12 Responses to Planning for my Winter Vacation

  1. Terry says:

    it doesn’t seem possible that plans are being made for the winter vacation. Where does the time go???? Everything will work out for you, I can just feel it

    • Thanks, Terry. Yes, the summer has flown and already I miss it! I am pretty confident about the caregivers we have now, but there is always the worry about sudden illness. I just have to act as if dad will continue to do well and make plans accordingly.
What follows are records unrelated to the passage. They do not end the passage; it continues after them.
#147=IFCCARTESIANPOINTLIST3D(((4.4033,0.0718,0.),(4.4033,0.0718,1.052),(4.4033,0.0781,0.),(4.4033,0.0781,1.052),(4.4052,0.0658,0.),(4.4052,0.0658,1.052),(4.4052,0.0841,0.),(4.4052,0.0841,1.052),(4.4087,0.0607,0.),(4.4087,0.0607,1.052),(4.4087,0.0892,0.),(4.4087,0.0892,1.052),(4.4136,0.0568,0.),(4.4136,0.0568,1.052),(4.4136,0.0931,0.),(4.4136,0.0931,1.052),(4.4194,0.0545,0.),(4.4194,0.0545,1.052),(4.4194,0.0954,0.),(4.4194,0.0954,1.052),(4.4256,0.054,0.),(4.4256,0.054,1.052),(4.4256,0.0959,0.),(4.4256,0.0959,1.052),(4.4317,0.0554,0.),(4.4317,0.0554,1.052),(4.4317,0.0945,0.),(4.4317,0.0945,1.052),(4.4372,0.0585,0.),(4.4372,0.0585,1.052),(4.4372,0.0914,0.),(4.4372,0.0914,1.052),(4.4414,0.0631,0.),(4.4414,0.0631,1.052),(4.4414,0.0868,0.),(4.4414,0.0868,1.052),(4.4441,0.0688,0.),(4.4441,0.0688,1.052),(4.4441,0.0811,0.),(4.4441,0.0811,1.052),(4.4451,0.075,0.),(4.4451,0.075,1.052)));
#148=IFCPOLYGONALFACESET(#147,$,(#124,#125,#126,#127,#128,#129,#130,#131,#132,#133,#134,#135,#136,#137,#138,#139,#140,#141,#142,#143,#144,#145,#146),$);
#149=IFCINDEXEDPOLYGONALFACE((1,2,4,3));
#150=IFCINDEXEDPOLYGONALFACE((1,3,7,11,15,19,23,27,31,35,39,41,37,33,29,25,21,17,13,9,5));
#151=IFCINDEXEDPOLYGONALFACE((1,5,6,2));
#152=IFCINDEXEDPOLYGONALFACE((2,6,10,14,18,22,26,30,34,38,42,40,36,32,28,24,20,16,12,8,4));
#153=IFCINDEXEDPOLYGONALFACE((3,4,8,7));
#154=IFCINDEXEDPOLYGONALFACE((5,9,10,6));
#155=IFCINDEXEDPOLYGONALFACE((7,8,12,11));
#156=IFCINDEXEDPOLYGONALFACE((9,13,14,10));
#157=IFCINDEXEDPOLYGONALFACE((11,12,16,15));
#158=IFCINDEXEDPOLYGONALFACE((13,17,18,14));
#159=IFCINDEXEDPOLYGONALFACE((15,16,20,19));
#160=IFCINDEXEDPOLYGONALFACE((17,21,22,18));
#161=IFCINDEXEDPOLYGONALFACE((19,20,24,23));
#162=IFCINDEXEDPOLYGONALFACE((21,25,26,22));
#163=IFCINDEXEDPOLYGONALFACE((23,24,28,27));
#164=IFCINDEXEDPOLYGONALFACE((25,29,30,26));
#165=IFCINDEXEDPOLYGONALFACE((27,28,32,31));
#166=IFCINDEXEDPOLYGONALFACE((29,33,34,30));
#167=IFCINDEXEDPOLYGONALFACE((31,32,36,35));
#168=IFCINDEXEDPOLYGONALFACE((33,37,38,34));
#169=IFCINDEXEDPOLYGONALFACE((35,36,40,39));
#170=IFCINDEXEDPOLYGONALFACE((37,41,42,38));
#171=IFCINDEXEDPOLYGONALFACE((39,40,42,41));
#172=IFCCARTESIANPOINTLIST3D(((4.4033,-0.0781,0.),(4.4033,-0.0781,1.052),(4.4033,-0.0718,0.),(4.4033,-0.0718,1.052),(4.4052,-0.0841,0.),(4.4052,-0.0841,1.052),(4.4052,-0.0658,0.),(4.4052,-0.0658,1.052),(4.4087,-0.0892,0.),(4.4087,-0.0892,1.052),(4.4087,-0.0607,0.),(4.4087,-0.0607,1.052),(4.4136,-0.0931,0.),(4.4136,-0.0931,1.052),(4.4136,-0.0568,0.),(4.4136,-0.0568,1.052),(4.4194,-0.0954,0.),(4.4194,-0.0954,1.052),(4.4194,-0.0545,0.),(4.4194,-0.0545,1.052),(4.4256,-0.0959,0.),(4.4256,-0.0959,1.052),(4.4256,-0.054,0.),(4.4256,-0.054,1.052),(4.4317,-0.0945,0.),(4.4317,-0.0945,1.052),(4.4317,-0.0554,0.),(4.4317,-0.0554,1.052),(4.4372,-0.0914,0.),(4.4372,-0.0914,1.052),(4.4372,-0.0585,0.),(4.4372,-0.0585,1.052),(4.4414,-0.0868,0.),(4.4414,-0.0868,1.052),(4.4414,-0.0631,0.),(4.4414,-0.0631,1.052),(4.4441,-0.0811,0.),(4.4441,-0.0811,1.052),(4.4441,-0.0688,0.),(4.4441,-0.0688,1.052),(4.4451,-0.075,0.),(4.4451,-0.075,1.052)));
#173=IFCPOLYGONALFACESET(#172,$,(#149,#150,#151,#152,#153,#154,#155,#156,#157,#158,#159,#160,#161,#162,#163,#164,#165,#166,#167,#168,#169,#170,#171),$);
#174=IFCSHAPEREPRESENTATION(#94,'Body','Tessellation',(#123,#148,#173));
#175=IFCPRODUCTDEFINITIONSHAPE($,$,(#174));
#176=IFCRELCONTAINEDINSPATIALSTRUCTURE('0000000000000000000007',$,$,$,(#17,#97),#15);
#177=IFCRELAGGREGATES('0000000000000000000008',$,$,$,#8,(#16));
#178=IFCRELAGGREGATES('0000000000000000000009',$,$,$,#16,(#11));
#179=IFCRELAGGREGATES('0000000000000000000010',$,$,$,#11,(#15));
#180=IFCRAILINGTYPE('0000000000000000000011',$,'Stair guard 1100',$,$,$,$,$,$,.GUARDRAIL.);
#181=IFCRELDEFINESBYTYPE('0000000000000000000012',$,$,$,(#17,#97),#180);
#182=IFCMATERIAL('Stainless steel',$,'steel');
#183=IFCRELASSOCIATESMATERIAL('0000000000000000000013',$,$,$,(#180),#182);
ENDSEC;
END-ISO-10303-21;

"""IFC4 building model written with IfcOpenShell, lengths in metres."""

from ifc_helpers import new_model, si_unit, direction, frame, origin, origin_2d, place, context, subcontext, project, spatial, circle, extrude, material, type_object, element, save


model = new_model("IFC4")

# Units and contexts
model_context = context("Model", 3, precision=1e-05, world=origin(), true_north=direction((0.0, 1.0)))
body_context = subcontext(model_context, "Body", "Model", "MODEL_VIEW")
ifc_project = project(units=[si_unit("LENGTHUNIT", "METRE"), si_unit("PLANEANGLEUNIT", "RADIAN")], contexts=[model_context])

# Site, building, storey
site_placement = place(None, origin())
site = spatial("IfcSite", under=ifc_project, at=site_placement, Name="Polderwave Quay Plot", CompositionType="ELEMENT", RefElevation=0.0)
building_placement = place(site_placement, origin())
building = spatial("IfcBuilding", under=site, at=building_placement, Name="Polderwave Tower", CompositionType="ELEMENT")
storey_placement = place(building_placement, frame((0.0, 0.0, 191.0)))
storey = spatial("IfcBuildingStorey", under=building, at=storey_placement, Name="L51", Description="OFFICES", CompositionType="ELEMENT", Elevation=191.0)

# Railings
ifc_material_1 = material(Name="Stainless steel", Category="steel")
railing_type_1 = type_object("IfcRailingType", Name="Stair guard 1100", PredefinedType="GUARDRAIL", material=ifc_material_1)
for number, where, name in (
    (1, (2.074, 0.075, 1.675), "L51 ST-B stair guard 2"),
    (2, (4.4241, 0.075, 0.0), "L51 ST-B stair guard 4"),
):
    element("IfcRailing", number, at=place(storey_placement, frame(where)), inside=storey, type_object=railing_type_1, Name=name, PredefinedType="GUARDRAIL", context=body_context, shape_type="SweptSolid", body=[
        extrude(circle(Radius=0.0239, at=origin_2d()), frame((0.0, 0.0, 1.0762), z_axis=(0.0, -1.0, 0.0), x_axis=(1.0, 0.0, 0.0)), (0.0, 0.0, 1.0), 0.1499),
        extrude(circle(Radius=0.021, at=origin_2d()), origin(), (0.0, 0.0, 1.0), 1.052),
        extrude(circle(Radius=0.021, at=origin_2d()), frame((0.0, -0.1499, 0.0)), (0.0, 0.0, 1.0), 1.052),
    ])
Plans can change in an instant, but meanwhile I keep moving forward.

  2. boomer98053 says:

    You prove to everyone that whether you are actively caring for a family member at home, or are the off-site care manager (and on-site visitor) for a loved one who lives in a facility, you are still involved in the compassionate act of caregiving. It’s a 24/7 process that you appear to be doing quite well.

    • Thanks, Irene. Yes, even though he doesn’t live in my home, I think about dad constantly and plan for all contingencies. I am glad to have him nearby though. It was harder when he and mom were living hundreds of mles away!

  3. Kathy says:

    You are an inspiration to me, the way you care for your dad and make sure his needs are met. Your comment about your dad just sitting in his recliner when your mom was alive brought back something my dad said to me shortly after my mom died. He said that he missed her presence in the house – that they could be in different rooms, doing different things, but she was there in the house with him and that’s what mattered. Seems like you have a good group of companions lined up to help with your dad. Take care. Kathy

  4. jmgoyder says:

    Anthony has become quite moodswingy.

  5. Children become the caregivers and it’s hard, but worth it.